'A really bad idea': Oscar Isaac thought Timothee Chalamet playing Bob Dylan in A Complete Unknown would be a disaster
Published in Entertainment News
Oscar Isaac thought Timothee Chalamet portraying Bob Dylan in 'A Complete Unknown' was a "bad idea" at first.
The 45-year-old actor revealed that he was sceptical when his 'Dune' co-star Timothee informed him of the project but was blown away when the 'Wonka' actor performed a rendition of Dylan's 1963 song 'Girl From the North Country'.
Oscar said at the Gotham Awards on Monday (02.12.24): "My first thought was... sounds like a really bad idea. I mean it's Dylan. It's the holy of holies for me. It just didn't sound right.
"Then, Timmy takes out his guitar. Not a good sign."
Oscar revealed that he and fellow actors Josh Brolin and Stephen McKinley-Henderson were left stunned when Chalamet started performing.
The 'Robin Hood' actor said: "Josh, Stephen and I aren't your average Timmy groupies. We're grizzled movie vets; we've seen some s***.
"But to hear this kid, who had just started learning the guitar, who hadn't done much singing, and who wasn't all that familiar with Dylan's music, approach these songs not as if he was learning something new but remembering something he'd already known, just rediscovering... The three of us just sat there watching this young man connect with something mysterious."
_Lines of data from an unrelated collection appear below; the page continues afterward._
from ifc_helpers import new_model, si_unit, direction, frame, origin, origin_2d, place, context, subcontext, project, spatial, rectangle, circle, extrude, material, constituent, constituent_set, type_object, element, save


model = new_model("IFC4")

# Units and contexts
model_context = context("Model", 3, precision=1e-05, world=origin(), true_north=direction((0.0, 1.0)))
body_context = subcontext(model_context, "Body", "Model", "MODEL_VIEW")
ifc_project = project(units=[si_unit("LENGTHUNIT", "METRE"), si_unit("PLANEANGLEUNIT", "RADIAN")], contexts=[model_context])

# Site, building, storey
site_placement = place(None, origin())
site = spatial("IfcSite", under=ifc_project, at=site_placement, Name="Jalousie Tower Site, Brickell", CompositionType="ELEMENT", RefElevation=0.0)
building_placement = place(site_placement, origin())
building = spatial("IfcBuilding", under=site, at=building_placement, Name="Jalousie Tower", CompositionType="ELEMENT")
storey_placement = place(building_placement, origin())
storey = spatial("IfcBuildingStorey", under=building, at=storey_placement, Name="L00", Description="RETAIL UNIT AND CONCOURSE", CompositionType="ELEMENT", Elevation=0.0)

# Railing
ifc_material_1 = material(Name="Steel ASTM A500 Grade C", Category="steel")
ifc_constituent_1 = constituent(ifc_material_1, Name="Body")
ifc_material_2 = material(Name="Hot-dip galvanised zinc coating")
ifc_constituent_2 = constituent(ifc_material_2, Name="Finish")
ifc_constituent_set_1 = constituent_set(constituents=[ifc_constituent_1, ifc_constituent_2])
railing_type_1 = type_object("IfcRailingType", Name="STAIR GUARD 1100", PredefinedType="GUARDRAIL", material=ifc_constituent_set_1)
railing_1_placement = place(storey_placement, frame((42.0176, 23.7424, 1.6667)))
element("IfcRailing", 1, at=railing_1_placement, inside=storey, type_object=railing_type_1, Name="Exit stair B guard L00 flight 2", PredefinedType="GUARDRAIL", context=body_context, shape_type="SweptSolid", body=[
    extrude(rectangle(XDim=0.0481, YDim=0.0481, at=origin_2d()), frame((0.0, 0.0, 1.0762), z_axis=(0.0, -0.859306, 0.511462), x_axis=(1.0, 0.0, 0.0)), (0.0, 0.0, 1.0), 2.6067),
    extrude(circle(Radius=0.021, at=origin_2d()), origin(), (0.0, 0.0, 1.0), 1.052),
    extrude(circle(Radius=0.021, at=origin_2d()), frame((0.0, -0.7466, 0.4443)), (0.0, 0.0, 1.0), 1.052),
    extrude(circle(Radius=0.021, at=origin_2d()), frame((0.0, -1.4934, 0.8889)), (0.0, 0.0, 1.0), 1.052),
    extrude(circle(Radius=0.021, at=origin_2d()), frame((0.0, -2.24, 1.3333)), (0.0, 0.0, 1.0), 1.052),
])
Edward Norton features in 'A Complete Unknown' - which is released in cinemas later this month - as folk singer Pete Seeger and revealed how Chalamet was "relentless" in immersing himself as the music icon.
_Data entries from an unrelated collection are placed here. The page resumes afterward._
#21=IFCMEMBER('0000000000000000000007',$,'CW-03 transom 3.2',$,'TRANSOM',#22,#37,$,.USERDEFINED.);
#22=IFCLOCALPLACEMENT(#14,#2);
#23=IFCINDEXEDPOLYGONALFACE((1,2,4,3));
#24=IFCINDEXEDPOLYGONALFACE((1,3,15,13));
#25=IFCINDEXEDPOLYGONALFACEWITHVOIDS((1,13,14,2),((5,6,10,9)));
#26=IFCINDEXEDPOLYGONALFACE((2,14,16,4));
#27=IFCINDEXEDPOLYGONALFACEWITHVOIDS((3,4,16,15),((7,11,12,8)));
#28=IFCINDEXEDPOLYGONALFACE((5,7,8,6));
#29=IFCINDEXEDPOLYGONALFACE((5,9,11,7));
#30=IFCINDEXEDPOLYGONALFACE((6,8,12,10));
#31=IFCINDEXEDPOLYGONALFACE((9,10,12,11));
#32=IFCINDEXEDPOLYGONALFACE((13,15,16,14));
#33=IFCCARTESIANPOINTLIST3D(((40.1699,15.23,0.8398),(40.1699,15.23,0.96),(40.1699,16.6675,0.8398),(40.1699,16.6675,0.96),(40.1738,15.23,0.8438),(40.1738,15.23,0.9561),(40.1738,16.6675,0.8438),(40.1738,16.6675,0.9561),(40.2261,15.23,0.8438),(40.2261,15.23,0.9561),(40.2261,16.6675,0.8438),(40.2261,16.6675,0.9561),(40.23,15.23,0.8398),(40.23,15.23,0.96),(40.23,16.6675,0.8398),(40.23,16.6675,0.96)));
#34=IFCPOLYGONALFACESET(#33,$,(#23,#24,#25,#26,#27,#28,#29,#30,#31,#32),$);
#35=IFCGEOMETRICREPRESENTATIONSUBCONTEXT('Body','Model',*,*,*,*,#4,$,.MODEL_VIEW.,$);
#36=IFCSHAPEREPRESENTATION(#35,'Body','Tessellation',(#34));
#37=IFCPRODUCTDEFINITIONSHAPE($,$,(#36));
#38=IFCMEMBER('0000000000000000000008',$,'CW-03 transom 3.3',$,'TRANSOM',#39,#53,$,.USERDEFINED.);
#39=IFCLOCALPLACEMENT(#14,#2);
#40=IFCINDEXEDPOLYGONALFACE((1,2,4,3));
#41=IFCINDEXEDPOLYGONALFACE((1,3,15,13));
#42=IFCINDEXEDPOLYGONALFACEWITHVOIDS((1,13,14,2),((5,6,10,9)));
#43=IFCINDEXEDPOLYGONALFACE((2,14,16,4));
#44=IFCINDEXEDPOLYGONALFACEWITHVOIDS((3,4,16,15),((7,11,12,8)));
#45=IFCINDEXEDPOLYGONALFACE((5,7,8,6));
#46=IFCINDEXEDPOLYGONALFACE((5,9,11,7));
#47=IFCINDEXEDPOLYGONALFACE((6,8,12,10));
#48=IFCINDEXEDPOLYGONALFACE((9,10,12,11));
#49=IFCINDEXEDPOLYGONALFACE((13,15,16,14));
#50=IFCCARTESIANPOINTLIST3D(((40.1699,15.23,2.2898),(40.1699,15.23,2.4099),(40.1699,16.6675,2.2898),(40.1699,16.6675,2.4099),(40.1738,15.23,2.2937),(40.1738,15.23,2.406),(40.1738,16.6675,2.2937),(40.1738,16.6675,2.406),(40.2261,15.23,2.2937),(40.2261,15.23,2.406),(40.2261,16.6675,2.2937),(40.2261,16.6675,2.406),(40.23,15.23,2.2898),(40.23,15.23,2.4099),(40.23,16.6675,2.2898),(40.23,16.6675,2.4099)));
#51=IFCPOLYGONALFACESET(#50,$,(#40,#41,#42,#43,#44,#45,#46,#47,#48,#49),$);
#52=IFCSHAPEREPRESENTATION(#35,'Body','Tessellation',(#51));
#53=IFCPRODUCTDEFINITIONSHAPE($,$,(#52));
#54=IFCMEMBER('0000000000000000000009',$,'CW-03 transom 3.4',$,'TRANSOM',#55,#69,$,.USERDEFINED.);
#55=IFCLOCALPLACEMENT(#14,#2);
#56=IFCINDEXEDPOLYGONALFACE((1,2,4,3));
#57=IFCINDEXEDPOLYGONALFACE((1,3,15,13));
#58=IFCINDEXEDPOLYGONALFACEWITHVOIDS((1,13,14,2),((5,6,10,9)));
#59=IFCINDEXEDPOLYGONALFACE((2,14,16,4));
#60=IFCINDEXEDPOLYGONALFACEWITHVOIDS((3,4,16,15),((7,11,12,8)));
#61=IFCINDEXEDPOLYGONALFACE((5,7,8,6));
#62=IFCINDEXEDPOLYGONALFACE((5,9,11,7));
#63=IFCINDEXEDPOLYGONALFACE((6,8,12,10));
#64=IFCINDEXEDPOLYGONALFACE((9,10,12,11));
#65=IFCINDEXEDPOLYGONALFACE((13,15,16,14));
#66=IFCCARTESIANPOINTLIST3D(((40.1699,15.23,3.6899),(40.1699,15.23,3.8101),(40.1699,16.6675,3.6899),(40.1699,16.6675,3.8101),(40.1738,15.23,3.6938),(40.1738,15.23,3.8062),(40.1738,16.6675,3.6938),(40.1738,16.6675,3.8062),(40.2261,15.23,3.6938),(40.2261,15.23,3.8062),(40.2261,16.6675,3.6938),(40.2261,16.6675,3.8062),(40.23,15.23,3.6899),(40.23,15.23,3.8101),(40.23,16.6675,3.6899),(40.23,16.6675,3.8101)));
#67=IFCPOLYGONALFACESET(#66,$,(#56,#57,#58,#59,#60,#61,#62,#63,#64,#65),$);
Norton told Rolling Stone magazine: "He was relentless. No visitors, no friends, no reps, no nothing. [Chalamet said] 'Nobody comes around us while we're doing this.'
"We're trying to do the best we can with something that's so totemic and sacrosanct to many people. And I agreed totally -- it was like, 'We cannot have a f****** audience for this.'
"We've got to believe to the greatest degree we can. And he was right to be that protective."
Dylan is supportive of the flick and director James Mangold has revealed that the 'Like a Rolling Stone' hitmaker gave him notes on the script over the course of many face-to-face meetings.
The 60-year-old filmmaker told the Happy Sad Confused podcast: "I've spent several, wonderfully charming, days in his company, just one-on-one, talking to him.
"I have a script that's personally annotated by him and treasured by me. He loves movies. The first time I sat down with Bob, one of the first things he said to me was, 'I love 'Cop Land'.'"
The movie tells the story of how Dylan shakes up the folk music world by plugging in his electric guitar at the Newport Folk Festival in 1965 and Mangold explained that it is "not really" a biopic.
The 'Indiana Jones and the Dial of Destiny' director said: "By the way, it's not really a Bob Dylan biopic.
"The reason Bob has been so supportive of us making it, is it's about, as in all cases I think the best true-life movies are never cradle to grave but they're about a very specific moment.
"In this case, it might sound Altman-esque, but it's a kind of ensemble piece about this moment in time, the early 60s in New York, and this 17-year-old kid with $16 in his pocket hitchhikes his way to New York to meet Woody Guthrie who is in the hospital and is dying of a nerve disease."